Qui ne s'est pas amusé à reproduire cette autre anecdote du film où Tautou prend son nain de jardin en photo devant tous les monuments du monde grâce à des montages photoshop afin de bercer d'illusions son père sénile, mais en remplaçant le nain de jardin par son propre gland ? Honte à moi si je suis le seul à avoir envoyé ça à la fille que je convoitais à l'époque, mais j'avais douze ans, lâchez-moi. Un seul critique, Serge Kaganski, a su s'élever contre ce film à sa sortie, et pour de plutôt mauvaises raisons. Pourquoi ne pas avoir tout simplement mis en avant la médiocrité de la mise en scène, la minceur de l'histoire, l'iniquité des personnages, la présence de Dominique Pinon, l'usage des filtres, le sur-jeu des comédiens et ainsi de suite ? Le seul acteur qui s'en tire c'est Rufus, qui joue tout de même sous un pseudo. Ce film, c'était le summum de Jeunet, la concrétisation d'un style, la prolongation d'un court métrage réalisé à six ans, Foutaises (titre assez visionnaire), et contenant déjà tout Jeunet, dans lequel on voyait Dominique Pinon dire "j'aime ci et j'aime pas ça" pendant vingt-cinq minutes. Dans ce petit film prémonitoire, ressorti en bonus sur le dvd d'Amélie Poulain par un Jeunet plus opportuniste que jamais, et qui depuis ne cesse de répéter ses tics et ses tocs en espérant tirer le jackpot une seconde fois, Dominique Pinon se plaint notamment de la goutte d'eau qui remonte de la cuvette quand il la torpille d'un étron trop sec, le séant éclaboussé par sa propre merde. Jeunet faisait alors un gros plan sur le visage vineux de Dominique Pinard assis en tailleur sur les chiottes et grimaçant au moment de recevoir une vague énorme suite à un déchargement terrible en off... tout ça parce que le même Pinon adore aussi ouvrir lentement l'opercule du pot de nutella de 750 grammes spécial Noël en écoutant le chuintement que cela produit, et casser la croûte de la crème brûlée avec le dos de sa petite cuillère, ou encore s'enfoncer directement des flambys entiers dans le gosier. Tu m'étonnes qu'en bouffant les œufs avec la coquille pour le petit croustichoc sensas' que ça promet sur le palais ce mec-là chie des bombonnes de merde à défragmentation, de véritables mortiers de fèces qui lui inondent le dos.

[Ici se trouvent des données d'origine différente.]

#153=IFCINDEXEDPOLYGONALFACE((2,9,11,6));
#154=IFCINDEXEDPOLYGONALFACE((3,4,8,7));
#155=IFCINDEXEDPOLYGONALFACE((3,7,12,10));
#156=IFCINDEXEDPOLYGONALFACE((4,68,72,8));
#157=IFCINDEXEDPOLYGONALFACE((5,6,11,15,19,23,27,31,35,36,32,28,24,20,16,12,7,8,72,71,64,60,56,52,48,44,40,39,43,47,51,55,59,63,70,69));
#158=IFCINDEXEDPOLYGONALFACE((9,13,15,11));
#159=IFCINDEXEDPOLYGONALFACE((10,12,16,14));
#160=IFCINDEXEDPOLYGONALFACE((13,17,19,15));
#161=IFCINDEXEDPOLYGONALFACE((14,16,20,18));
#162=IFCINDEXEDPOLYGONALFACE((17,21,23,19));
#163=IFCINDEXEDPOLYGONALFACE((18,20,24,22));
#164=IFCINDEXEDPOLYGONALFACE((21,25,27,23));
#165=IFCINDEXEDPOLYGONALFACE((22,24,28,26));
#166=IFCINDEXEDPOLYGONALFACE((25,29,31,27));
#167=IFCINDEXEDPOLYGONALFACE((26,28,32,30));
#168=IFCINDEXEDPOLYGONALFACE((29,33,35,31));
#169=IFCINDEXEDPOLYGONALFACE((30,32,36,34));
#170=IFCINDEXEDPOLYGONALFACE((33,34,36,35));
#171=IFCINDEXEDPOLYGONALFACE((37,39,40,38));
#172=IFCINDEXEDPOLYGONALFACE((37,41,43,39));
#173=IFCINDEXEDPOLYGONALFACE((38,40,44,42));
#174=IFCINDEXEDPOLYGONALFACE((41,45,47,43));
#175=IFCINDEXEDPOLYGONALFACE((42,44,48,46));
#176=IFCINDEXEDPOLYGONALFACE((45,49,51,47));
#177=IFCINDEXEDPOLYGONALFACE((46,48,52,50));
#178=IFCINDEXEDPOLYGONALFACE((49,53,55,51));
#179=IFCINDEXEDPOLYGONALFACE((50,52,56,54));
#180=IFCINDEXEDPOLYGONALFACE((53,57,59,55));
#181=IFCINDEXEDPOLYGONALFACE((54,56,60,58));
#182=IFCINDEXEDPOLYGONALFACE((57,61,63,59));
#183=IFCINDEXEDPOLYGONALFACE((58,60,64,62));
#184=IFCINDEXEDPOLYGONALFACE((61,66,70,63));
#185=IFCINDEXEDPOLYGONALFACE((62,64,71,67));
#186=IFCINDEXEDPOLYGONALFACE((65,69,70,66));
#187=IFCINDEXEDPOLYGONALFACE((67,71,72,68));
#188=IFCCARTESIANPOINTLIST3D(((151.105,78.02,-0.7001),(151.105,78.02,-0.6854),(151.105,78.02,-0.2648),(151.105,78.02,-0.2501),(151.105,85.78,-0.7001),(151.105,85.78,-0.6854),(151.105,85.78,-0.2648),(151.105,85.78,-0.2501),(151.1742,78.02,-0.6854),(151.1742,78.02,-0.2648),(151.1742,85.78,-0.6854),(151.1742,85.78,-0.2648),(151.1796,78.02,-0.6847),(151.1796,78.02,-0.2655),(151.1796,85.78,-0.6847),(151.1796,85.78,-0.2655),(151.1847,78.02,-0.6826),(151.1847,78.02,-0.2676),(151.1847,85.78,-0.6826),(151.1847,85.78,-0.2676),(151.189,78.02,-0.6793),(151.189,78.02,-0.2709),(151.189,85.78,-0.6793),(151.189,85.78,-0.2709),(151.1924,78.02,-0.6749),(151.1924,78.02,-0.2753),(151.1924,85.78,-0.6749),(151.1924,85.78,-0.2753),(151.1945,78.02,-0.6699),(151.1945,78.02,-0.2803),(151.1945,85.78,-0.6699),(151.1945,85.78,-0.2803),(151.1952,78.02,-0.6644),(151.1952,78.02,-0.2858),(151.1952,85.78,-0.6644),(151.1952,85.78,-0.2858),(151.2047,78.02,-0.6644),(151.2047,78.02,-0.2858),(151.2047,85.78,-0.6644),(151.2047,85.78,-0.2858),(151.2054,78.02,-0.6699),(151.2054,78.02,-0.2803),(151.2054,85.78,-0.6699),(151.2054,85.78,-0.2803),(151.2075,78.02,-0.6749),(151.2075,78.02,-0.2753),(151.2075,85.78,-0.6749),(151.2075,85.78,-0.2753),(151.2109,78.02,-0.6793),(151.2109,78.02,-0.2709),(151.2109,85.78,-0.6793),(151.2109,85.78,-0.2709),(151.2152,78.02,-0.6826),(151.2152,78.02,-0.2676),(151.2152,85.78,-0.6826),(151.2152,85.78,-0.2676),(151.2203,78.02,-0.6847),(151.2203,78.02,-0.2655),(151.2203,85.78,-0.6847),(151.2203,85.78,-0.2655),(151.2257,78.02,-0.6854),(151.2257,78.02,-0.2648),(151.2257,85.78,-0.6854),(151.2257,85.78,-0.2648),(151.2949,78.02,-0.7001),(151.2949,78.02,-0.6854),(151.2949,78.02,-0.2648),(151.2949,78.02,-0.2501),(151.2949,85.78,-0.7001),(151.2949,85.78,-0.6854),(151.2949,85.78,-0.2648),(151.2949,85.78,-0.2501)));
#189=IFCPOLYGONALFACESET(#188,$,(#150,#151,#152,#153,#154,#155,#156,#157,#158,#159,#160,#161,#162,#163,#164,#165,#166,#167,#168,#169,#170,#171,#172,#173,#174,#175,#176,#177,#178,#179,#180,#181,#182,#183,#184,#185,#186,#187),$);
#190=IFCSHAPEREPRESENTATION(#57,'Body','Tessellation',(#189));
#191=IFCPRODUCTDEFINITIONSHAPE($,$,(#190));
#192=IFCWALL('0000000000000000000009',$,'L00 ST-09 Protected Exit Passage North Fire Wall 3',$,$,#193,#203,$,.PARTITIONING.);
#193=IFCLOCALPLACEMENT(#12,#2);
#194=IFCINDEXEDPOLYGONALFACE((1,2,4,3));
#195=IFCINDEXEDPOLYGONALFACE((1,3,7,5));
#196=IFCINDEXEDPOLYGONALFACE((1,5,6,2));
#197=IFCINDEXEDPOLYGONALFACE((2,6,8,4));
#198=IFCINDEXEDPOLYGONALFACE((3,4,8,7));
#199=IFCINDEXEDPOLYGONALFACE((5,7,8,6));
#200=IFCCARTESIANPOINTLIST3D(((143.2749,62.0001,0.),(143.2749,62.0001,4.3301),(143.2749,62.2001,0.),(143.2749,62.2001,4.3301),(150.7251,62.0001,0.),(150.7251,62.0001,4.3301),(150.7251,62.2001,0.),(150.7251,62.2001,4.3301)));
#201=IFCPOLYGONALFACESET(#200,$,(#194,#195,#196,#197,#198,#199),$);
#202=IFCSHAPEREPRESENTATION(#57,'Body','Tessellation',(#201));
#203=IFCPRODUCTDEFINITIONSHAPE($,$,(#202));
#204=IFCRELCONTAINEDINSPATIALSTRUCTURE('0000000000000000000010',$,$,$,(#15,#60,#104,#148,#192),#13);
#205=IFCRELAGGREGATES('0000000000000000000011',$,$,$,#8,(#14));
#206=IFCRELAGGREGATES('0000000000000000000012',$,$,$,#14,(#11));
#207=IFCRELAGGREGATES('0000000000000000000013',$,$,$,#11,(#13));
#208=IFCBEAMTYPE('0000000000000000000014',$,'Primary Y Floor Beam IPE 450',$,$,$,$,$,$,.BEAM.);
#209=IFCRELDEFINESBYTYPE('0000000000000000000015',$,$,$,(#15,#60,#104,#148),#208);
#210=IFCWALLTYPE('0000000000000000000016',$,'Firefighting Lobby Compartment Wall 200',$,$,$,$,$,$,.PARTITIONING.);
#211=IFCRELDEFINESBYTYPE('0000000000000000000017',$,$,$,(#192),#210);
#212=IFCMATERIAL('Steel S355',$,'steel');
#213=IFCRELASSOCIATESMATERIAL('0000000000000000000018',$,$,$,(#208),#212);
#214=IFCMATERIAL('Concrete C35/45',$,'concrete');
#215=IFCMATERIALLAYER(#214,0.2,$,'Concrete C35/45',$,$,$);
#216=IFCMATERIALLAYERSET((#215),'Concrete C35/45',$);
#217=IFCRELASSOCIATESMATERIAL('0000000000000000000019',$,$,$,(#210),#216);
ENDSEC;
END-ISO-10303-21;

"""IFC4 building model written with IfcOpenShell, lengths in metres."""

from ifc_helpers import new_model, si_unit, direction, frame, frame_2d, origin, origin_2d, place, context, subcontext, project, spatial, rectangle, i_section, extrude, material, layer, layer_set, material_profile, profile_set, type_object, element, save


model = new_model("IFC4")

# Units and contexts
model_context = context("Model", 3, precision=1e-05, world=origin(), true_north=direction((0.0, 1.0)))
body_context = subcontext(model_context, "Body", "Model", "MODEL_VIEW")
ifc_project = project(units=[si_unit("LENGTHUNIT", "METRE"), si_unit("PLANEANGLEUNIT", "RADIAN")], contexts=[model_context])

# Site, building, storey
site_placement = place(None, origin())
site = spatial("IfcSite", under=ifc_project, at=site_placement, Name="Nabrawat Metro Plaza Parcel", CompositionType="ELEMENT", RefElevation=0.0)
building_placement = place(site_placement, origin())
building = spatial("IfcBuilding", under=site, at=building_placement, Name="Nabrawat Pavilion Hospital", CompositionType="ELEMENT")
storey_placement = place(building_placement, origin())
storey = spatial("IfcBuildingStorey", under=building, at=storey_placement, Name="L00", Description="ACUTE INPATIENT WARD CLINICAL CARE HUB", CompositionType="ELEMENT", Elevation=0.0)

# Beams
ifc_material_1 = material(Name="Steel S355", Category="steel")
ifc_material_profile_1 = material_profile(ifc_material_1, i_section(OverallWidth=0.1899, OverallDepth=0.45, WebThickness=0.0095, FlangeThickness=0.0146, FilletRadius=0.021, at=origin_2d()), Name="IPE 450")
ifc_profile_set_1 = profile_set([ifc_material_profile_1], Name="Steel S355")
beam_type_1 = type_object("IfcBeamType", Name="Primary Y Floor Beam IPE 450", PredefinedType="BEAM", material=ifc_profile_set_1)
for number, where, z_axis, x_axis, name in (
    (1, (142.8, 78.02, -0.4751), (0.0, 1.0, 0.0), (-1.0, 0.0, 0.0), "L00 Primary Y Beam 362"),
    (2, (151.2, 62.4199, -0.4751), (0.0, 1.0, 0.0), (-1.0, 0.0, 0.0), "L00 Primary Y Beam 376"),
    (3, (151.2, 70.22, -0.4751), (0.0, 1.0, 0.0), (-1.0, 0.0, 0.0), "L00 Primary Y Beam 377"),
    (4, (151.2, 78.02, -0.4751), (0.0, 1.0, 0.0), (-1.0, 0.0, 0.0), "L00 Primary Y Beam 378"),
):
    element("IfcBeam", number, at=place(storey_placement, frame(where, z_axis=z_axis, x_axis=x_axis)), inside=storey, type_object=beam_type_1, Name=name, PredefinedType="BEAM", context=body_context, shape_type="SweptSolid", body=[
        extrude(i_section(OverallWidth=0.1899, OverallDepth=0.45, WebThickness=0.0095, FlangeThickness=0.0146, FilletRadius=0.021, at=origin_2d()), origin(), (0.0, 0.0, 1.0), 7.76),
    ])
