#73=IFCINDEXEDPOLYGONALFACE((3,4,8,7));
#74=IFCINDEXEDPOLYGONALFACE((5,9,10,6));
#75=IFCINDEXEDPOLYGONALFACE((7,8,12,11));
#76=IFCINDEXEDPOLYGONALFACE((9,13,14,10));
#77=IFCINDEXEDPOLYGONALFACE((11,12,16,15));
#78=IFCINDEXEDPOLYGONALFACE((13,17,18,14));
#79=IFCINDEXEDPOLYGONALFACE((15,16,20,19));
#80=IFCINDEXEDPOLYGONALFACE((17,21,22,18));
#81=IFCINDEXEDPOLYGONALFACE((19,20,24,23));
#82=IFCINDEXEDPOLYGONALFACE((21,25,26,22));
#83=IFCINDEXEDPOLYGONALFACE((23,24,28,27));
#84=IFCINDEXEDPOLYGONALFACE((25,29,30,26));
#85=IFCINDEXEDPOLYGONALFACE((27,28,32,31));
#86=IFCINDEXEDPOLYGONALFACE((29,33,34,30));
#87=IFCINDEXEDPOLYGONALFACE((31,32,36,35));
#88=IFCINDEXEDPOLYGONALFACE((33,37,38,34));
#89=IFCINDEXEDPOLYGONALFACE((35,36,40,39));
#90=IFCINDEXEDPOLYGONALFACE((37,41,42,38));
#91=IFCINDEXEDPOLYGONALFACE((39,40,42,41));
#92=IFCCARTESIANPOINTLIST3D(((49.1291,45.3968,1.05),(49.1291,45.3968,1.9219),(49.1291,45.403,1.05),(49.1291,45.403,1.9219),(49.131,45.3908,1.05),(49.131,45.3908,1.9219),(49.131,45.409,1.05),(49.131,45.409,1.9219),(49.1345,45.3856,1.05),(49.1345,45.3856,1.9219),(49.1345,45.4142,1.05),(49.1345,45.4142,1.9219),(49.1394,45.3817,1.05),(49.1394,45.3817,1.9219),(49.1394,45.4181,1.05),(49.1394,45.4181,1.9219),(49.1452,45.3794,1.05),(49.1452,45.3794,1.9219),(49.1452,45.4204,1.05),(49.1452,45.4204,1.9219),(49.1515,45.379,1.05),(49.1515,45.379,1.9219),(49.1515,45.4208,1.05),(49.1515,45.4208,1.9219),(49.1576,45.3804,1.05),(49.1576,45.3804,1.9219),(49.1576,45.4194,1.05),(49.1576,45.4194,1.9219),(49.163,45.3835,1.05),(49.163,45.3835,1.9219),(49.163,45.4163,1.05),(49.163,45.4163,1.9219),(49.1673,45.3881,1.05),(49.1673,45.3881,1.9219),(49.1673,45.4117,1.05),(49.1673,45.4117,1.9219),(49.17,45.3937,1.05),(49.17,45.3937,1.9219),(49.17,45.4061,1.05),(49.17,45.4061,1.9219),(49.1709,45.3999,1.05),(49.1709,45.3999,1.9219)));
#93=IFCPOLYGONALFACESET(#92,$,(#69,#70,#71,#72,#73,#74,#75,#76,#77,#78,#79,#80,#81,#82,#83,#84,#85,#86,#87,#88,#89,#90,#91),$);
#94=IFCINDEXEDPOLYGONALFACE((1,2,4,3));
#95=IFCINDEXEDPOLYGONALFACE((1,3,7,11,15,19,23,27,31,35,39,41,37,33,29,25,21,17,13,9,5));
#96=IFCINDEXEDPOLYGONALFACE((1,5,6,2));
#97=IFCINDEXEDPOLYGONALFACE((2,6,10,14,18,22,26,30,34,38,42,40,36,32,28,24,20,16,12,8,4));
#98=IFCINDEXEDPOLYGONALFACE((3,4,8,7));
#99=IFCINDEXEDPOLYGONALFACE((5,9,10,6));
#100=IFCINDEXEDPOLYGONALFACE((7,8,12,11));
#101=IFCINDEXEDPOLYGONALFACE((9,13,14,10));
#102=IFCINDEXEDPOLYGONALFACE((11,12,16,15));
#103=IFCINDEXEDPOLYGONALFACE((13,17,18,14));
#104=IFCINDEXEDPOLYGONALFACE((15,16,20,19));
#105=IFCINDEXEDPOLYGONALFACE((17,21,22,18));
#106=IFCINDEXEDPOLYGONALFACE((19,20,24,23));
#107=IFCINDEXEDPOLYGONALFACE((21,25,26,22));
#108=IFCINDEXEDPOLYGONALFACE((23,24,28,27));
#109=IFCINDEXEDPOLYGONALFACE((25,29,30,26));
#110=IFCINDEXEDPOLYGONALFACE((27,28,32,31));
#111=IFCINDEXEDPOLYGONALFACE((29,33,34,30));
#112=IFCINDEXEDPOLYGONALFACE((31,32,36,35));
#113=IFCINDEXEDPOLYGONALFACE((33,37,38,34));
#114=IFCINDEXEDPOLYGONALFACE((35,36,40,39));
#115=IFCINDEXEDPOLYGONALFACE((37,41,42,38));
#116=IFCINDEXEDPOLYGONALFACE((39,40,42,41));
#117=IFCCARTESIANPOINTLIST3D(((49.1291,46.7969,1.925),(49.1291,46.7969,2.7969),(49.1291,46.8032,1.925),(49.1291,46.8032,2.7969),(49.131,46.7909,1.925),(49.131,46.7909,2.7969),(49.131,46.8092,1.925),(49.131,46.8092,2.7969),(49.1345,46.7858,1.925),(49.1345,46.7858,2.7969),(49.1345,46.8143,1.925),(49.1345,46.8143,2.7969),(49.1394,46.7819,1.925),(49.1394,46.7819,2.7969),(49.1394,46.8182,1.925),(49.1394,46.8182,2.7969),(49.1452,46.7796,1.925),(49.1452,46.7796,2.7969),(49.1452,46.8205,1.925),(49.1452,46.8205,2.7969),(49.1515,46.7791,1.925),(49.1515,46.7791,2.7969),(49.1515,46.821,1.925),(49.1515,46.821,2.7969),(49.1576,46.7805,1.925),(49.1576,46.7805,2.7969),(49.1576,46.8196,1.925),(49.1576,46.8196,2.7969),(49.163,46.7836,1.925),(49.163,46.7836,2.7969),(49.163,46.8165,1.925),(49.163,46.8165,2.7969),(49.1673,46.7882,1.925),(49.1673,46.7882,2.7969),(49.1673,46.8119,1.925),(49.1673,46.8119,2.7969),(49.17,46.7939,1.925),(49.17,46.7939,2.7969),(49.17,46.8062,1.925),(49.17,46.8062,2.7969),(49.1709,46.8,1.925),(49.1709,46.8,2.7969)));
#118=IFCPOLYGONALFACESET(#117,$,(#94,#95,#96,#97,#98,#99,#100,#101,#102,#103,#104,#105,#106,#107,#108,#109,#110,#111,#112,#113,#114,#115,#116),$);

Ce film c'est tout Jeunet. Caro avait alors foutu les voiles, disparu à tout jamais, planqué dans l'annuaire entre mille et une "caro(line)" anonymes. Jeunet a notamment voulu refaire son miracle, son bunker de la dernière rafale, amasser un second pactole avec Micmacs à tire-parigot : Dany Boon dans le rôle principal, et Omar Sy qui essayait déjà de sortir du SAV. Toujours ce sens du casting payant, à condition qu'il paye... Rappelons que sur le tournage d'Amélie Poulain Jeunet a su se brouiller avec Jamel Debbouze, l'ami de tous, l'homme le plus consensuel du PAF. Quand vous demandez des nouvelles de J-P Jeunet à Jamel il vous balance sa seule main valide dans la figure, puis la seconde aussi, mais en prenant de l'élan pour qu'elle tombe sur vous comme une vieille liane. Malheureusement pour Jeunet cet autre film tout vert et jaune bourré à craquer de petites idées rachitiques n'est pas tombé au bon moment, et a logiquement fait un four sans nom. Jean-Pierre Jeunet s'en est donc pris au téléchargement illégal, alors qu'aucun quidam n'a même eu l'idée de mettre son navet en partage. Il s'est adressé aux critiques auxquels il reprochait de ne faire que critiquer au lieu de mettre la main à la patte, bref il nous a sorti tous les fondamentaux de la langue de pute et de la gueule de bois, allant jusqu'à reprocher à la Fox de ne pas avoir correctement remasterisé le bluray de son Alien 4, qui n'est pourtant qu'une parodie de lui-même. Nous faisons partie des nombreux fans de la saga qui ont acheté le coffret de la tétralogie et qui ont utilisé les deux skeuds "bonus" et "film" de l'opus Jeunet pour en faire des répulsifs à corbeaux afin de protéger les cerisiers de nos parents. Ces épouvantails son et lumière sont d'une efficacité redoutable car les ornithorynques ne supportent pas les reflets verts et jaunâtres de ce film pisseux. Pied de nez à Hitchcock, expert en séduction, qui avait su faire un chef-d’œuvre de l'effroi avec des volatiles alors qu'on fout les j'tons à des oiseaux avec une horreur de film. Jean-Pierre Jeunet, sache que toute ta filmographie orne nos cerisiers, et tu en serais sans doute ravi, toi qui adores les anecdotes à la mords-moi-le-noeud, les gadgets à tiroirs, les histoires de petits riens, mais que dis-tu quand les petits riens en question sont tes films bectés par des piafs survoltés, grossis aux OGM par nos parents qui eux aussi deviennent fous à cause de tes films diffusés en imax dans leurs champs ?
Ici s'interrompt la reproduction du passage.